Walking the quiet weekday streets of Williamsburg, a bit stunned from a marital battle more pitched than usual, I turned into Sideshow Gallery’s “Thru the Rabbit Hole,” the 15th annual loosely uncurated show of all the painters of NYC. Or what would be all, if there weren’t so many of us. And there is sculpture, too.
It’s a magnificent munificent junk shop–don’t take offense, listen to what I’m saying! Almost all our shopping takes place in supermarkets where rows of identical products are lined up, branded and heavily advertised and most art galleries are like that, too. But ahhh… in a flea market, we look for a “find”. The eye, with difficulty, sorts out the gems from the chaff for itself and then, and only then , reads the tiny label containing just the name of the artist (and not the intentions blah,blah,blah of the artist like in “Greater New York”, thank God).
It’s not surprising, then, that the gallery is filled to bursting (on a weekday!) with artlovers and collectors of all types taking the opportunity to find out for themselves what their hearts and brains respond to. A hushed, avaricious atmosphere prevails.
It makes me so happy—painting does matter!
Elbowing my way in, I started on my collection. As can be seen from my pictures, there is no more than an inch or two between the works; that doesn’t matter at all and neither does the crowd so long as they don’t impede my view. When I look at a painting, I’m alone with it and it is alone with me.


The first two paintings that grab me are by two painters whose work I know very well, Rachel Youens and Laura Newman, but the works are uncharacteristic and I don’t recognize them. The Youens is a watercolor seascape. Nothing special, really, except that the white of the paper dances around being reflections of the sea and sunlight in the air and paper, too –it’s entrancing.
The Newman is densely spaced, mostly vertical brushstrokes of ink and watercolor that effortlessly make a mountain. I wonder if it started as a way to clean a brush being used for some other work and then looked so good it captured her attention. A lot of artists these days seem to be trying to work with a few simple gestures of the brush (maybe influenced by Chinese painting?) to create a spontaneous appearance. This painting does.

I’ve seen a few shows of Eric Holzman’s paintings, so I recognized his right away and I knew to wait until it began to shimmer into a beautiful atmospheric landscape. I don’t understand his technique at all, there’s nothing spontaneous in the making, for sure, and it doesn’t even try to be beautiful until you look at it for a few minutes.
I wonder if this article is getting too long? For the short attention span that the internet creates, I mean.

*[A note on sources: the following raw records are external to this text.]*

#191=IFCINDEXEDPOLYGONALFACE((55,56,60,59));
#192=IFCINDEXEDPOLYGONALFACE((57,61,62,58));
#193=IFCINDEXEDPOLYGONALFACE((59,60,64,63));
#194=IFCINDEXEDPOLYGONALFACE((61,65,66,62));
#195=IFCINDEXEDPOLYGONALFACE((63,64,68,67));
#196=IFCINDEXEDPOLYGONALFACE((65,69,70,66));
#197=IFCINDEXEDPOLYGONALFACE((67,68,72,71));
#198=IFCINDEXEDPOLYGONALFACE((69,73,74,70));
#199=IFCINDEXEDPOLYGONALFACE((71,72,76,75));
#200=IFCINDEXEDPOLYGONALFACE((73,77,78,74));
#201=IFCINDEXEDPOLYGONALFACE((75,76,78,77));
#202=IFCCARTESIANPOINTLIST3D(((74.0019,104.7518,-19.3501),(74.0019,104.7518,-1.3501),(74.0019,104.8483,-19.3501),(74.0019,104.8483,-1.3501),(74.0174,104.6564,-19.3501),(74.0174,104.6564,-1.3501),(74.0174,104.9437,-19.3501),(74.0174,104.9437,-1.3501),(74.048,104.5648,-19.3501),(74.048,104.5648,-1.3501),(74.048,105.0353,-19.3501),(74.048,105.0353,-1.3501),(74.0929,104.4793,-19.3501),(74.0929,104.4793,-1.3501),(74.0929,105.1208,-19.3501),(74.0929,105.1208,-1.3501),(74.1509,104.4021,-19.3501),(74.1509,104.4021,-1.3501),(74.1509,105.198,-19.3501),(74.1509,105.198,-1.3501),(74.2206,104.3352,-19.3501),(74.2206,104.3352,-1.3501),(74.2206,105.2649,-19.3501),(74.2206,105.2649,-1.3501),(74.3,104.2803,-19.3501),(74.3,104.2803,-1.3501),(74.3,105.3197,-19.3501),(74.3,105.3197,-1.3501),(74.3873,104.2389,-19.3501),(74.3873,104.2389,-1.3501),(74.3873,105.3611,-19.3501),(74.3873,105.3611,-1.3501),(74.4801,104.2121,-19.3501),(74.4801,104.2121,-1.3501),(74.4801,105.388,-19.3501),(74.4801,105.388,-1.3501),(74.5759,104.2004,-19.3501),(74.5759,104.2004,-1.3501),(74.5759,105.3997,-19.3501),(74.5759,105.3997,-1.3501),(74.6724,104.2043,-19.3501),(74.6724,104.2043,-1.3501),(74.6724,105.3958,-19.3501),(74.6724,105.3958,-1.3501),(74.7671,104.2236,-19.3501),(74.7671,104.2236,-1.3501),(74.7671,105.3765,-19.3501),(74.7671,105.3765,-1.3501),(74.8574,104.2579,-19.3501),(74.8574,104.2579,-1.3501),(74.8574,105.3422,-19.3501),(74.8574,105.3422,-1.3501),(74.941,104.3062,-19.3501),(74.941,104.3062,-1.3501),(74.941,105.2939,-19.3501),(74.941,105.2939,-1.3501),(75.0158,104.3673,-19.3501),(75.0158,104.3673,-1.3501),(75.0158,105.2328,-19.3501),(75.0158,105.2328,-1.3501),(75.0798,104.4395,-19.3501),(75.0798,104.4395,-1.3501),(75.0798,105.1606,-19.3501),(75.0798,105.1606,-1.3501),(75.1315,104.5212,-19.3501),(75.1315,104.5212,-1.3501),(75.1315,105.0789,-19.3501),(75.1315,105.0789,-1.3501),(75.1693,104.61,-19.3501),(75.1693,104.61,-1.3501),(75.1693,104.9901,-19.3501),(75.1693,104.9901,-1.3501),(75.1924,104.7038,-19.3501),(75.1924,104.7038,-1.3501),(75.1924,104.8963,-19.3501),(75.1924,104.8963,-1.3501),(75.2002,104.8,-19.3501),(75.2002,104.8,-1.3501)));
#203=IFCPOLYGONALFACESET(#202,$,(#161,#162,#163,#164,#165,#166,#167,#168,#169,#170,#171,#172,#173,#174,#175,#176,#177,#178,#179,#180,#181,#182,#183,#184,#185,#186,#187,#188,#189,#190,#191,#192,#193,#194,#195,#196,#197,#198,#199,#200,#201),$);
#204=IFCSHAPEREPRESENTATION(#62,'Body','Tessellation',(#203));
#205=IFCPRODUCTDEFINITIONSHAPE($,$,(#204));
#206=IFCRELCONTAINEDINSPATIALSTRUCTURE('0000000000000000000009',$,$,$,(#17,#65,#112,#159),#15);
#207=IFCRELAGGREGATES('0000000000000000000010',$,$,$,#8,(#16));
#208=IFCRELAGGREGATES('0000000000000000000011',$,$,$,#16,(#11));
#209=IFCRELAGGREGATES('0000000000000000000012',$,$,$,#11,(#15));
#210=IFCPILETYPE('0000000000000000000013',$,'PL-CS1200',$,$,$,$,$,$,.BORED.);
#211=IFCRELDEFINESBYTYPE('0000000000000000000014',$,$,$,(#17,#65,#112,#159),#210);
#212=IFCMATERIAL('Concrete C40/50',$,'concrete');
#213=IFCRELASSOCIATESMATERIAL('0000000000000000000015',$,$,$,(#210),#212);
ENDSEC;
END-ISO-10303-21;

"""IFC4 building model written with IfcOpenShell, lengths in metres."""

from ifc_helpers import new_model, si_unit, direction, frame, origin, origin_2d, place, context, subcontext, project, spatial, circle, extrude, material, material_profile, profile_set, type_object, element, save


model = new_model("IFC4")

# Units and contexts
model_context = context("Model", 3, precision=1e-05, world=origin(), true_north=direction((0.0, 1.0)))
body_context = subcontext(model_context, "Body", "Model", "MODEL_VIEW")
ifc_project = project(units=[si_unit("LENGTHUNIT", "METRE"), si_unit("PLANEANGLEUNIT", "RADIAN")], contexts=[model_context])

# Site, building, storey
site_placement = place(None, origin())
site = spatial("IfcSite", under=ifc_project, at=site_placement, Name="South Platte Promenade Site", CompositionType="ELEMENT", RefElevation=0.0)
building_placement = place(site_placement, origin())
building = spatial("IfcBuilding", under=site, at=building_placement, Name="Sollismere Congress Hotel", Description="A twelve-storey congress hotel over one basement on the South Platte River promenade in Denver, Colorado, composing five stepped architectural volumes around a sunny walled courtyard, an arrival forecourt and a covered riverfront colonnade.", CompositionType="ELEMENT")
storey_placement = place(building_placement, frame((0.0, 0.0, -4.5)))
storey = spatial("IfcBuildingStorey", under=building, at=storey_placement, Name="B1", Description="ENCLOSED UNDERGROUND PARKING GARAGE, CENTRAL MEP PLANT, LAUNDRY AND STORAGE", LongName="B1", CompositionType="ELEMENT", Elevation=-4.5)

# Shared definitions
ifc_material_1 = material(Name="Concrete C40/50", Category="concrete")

The portrait by Radell is a little Rouault and a little Giacometti. Sometimes I think that the whole genre of painted portraiture just isn’t interesting any more, but when I saw this I wondered if that were true.

Ditto for this red chalk male nude. The face is so delicately boyish and the genitalia are beautifully drawn—my eye kept flitting between them. If it was hanging with the Del Sartos in the Frick, I think it would be accepted. Not because it looks old-fashioned, but because Del Sarto doesn’t.
And furthermore, the del Sartos are all taken and this Gagnier isn’t.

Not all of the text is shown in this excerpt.